Faster Randomized Methods for Orthogonality Constrained Problems
Boris Shustin, Haim Avron
TL;DR
The paper addresses optimization problems with generalized orthogonality constraints by integrating randomized preconditioning into the Riemannian optimization framework. The authors design constant SPD metrics ${\bf M}$ constructed from data sketches to approximate Gram matrices, yielding well-conditioned Riemannian Hessians and faster convergence for problems like canonical correlation analysis (CCA) and Fisher linear discriminant analysis (FDA). They provide theoretical guarantees bounding the Hessian condition number via sketch quality and demonstrate substantial empirical speedups on real and synthetic datasets, including warm-start benefits. The approach reduces preprocessing costs to near-linear in data size while preserving convergence behavior across zero, first-, and second-order Riemannian methods. Overall, the work offers a practical, theory-backed pathway to scalable optimization under orthogonality constraints with broad applicability in data analysis tasks.
Abstract
Recent literature has advocated the use of randomized methods for accelerating the solution of various matrix problems arising throughout data science and computational science.
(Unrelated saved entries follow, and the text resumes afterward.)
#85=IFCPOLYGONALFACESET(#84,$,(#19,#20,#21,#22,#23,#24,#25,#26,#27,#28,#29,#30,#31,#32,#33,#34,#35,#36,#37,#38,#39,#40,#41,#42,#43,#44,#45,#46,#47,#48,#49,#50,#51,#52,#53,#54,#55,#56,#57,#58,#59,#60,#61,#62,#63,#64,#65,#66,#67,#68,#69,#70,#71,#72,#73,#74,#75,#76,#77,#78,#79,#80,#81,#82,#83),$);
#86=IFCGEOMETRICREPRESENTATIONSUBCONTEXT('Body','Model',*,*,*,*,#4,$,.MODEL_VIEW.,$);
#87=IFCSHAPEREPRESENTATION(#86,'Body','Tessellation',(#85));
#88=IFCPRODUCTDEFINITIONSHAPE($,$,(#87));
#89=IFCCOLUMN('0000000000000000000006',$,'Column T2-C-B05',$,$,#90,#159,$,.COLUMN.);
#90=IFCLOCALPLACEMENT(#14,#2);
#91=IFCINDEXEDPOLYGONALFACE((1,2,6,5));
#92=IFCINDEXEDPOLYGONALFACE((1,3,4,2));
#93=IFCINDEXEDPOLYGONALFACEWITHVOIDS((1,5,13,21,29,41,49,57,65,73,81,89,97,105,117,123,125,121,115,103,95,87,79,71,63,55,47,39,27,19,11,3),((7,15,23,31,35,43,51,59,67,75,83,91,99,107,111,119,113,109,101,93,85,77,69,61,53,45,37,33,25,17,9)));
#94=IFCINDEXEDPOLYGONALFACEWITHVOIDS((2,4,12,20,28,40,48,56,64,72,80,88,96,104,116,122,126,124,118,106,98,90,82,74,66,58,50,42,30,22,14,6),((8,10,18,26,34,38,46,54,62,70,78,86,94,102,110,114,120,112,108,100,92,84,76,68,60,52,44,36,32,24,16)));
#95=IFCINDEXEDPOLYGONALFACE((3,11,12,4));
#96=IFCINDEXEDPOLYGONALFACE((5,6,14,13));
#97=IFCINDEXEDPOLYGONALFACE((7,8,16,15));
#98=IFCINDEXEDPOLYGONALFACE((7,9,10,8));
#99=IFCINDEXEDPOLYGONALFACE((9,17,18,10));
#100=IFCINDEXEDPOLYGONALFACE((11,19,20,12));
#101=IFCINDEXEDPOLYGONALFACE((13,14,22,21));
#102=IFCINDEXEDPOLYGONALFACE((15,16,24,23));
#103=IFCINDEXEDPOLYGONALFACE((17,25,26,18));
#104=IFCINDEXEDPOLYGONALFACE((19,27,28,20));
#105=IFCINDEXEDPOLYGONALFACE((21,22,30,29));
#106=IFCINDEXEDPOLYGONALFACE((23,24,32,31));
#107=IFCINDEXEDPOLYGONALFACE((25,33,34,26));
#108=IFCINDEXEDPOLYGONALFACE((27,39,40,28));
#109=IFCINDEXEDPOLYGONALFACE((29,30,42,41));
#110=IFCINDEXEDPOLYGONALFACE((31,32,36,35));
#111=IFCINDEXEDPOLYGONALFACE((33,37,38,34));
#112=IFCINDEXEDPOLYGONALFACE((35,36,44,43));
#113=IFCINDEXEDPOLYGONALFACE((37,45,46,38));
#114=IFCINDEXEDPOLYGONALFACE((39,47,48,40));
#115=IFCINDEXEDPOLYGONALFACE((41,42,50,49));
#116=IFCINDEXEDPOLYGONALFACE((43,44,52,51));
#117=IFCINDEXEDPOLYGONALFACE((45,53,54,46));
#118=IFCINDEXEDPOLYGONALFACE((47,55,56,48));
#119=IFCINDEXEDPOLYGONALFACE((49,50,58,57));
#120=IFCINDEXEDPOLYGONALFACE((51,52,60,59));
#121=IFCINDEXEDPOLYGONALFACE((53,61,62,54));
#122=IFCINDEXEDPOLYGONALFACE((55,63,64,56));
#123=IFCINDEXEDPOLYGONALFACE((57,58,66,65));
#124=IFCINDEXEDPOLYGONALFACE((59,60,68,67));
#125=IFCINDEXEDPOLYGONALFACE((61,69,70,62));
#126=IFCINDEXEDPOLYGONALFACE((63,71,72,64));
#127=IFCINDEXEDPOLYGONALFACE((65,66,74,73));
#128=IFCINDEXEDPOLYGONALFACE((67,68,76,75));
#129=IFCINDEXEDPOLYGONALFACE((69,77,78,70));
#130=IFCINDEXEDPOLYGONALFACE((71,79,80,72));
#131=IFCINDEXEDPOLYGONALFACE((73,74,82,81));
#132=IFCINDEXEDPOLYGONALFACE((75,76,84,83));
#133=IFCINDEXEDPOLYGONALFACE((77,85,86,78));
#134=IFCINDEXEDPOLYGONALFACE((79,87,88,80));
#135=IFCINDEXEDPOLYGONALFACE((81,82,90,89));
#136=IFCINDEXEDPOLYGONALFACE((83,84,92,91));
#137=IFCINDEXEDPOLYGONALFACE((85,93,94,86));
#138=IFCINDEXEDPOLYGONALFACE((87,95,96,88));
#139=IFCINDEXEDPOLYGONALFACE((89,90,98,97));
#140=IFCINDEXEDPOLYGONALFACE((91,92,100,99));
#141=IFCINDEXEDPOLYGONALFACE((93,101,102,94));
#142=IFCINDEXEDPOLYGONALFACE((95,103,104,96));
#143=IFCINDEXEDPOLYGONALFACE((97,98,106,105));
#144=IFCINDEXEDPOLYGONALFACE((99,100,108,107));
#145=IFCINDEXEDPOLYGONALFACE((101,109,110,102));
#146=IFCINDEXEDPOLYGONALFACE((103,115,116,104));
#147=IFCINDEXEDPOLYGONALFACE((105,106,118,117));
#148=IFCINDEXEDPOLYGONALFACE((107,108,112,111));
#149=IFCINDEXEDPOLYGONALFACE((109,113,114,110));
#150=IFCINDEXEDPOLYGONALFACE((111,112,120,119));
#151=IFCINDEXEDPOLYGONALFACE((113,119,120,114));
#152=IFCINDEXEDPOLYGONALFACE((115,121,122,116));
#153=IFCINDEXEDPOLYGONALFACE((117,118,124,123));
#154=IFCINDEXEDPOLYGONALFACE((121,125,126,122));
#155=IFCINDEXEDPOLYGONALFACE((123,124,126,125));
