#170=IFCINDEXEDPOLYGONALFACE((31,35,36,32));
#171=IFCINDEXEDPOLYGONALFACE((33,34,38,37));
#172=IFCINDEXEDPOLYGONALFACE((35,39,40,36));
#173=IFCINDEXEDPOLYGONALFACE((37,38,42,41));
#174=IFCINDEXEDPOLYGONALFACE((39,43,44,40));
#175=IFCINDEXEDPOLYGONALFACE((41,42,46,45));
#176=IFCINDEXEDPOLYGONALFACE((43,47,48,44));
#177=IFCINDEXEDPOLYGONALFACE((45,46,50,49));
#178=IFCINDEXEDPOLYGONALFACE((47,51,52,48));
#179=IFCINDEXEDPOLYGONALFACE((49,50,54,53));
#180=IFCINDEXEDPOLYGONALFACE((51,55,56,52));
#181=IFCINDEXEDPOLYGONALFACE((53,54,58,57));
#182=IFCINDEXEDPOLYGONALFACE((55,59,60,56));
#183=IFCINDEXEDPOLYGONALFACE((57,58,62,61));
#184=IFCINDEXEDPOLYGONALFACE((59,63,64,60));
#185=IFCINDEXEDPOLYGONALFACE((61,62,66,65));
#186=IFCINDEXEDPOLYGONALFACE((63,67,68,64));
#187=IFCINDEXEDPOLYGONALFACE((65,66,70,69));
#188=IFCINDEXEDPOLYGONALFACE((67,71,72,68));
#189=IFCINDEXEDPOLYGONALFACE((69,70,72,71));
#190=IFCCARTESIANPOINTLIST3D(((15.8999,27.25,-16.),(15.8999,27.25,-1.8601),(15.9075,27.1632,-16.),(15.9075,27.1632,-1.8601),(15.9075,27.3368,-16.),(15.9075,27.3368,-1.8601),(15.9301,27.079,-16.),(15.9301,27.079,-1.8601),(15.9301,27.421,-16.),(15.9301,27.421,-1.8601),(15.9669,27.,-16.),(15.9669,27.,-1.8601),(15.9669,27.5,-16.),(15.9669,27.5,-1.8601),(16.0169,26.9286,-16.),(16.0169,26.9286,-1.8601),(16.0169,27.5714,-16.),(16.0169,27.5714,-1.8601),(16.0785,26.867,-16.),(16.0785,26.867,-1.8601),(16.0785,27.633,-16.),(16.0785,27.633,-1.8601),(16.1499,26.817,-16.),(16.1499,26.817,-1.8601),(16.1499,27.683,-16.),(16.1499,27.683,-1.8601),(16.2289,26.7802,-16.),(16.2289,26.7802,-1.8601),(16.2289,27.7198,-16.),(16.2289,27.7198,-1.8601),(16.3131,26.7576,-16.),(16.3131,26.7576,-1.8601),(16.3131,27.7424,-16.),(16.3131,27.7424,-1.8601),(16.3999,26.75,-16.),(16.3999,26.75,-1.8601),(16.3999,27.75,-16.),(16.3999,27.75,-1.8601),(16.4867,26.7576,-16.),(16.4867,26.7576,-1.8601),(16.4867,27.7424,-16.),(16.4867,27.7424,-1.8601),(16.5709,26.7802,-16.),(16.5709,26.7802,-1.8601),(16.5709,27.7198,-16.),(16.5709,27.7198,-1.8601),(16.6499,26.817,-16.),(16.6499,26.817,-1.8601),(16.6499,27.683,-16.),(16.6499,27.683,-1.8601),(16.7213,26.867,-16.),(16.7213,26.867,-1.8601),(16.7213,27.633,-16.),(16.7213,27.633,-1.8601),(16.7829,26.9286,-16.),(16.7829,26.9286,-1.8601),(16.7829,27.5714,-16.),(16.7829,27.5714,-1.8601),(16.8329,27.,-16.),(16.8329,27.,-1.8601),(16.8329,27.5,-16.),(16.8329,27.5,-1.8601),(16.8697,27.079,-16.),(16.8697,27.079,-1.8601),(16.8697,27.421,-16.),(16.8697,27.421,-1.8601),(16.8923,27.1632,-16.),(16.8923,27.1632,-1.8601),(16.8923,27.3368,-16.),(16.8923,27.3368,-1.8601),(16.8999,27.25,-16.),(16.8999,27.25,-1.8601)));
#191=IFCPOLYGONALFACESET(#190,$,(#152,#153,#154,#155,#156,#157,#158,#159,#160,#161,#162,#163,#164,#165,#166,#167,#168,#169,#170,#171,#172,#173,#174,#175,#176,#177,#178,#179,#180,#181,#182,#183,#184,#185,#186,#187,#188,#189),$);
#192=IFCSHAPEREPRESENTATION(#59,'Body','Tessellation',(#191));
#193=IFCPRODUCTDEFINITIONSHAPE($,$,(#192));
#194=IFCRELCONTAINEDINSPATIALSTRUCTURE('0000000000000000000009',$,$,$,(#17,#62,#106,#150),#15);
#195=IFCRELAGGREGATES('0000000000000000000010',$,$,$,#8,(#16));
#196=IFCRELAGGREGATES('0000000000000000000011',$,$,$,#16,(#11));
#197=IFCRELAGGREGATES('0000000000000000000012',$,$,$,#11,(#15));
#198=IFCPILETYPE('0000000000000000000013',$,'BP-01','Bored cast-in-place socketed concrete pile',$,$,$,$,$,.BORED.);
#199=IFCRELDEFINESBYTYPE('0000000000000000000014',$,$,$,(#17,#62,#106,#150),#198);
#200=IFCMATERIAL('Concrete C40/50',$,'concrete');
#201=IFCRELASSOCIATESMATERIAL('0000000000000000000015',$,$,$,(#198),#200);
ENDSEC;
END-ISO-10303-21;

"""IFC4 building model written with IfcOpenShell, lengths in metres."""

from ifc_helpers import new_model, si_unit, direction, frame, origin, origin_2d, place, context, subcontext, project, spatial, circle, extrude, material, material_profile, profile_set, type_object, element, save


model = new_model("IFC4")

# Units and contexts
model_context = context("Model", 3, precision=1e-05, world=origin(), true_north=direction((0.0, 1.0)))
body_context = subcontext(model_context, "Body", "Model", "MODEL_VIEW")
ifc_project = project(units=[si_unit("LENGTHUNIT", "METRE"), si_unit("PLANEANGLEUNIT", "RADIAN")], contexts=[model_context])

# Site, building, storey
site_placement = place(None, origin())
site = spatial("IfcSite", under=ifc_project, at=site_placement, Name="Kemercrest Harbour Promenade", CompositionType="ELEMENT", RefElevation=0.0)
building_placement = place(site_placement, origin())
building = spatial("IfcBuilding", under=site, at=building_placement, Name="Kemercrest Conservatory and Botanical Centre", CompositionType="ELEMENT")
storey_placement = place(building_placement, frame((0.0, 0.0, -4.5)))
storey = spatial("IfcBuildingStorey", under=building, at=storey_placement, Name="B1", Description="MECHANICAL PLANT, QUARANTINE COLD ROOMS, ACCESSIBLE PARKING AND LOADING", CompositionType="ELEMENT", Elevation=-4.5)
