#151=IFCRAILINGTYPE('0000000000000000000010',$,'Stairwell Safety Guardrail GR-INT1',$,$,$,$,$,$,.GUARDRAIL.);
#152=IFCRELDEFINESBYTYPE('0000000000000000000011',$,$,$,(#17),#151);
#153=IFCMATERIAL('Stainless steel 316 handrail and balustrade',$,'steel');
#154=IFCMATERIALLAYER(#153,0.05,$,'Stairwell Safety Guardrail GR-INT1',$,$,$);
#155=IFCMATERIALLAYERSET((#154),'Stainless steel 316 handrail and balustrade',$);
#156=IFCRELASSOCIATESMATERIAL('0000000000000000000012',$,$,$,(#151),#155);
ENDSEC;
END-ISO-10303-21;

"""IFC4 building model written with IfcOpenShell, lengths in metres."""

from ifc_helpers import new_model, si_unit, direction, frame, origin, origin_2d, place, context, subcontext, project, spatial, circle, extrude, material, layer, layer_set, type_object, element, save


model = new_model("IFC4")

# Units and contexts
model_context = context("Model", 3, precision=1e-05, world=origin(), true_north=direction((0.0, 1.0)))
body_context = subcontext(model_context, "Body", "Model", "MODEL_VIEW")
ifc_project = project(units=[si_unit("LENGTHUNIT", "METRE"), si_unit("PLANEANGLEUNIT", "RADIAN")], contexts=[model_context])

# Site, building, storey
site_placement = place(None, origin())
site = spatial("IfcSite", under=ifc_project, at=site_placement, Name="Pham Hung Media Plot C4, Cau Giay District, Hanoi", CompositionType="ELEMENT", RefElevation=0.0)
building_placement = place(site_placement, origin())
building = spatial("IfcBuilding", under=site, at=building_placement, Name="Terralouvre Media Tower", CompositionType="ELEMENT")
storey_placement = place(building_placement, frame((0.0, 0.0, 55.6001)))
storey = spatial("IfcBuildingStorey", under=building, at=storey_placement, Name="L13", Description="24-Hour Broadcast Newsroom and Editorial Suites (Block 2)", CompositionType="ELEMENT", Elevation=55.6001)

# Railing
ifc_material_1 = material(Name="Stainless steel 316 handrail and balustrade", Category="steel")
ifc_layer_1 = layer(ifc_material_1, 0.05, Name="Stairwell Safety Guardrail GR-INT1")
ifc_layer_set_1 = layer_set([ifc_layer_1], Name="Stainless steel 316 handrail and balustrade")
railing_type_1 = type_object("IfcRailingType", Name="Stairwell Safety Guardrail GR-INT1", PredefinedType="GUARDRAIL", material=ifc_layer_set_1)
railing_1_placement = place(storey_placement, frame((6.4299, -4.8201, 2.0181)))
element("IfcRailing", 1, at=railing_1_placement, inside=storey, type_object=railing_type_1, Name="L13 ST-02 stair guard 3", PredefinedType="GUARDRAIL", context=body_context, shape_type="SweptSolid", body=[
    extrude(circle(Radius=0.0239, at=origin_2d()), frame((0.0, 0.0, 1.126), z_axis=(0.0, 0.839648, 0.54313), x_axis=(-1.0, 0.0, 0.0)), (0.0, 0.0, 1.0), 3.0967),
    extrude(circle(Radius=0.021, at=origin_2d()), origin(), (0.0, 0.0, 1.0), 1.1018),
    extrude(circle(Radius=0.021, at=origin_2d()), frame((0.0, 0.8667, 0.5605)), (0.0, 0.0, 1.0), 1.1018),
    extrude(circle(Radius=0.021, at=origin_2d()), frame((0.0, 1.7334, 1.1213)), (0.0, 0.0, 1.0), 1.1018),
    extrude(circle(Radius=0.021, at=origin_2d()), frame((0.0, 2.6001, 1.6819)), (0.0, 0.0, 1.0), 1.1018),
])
One popular strategy for leveraging randomization is to use it as a way to reduce problem size. However, methods based on this strategy lack sufficient accuracy for some applications. Randomized preconditioning is another approach for leveraging randomization, which provides higher accuracy. The main challenge in using randomized preconditioning is the need for an underlying iterative method, thus randomized preconditioning so far have been applied almost exclusively to solving regression problems and linear systems. In this article, we show how to expand the application of randomized preconditioning to another important set of problems prevalent across data science: optimization problems with (generalized) orthogonality constraints. We demonstrate our approach, which is based on the framework of Riemannian optimization and Riemannian preconditioning, on the problem of computing the dominant canonical correlations and on the Fisher linear discriminant analysis problem. For both problems, we evaluate the effect of preconditioning on the computational costs and asymptotic convergence, and demonstrate empirically the utility of our approach.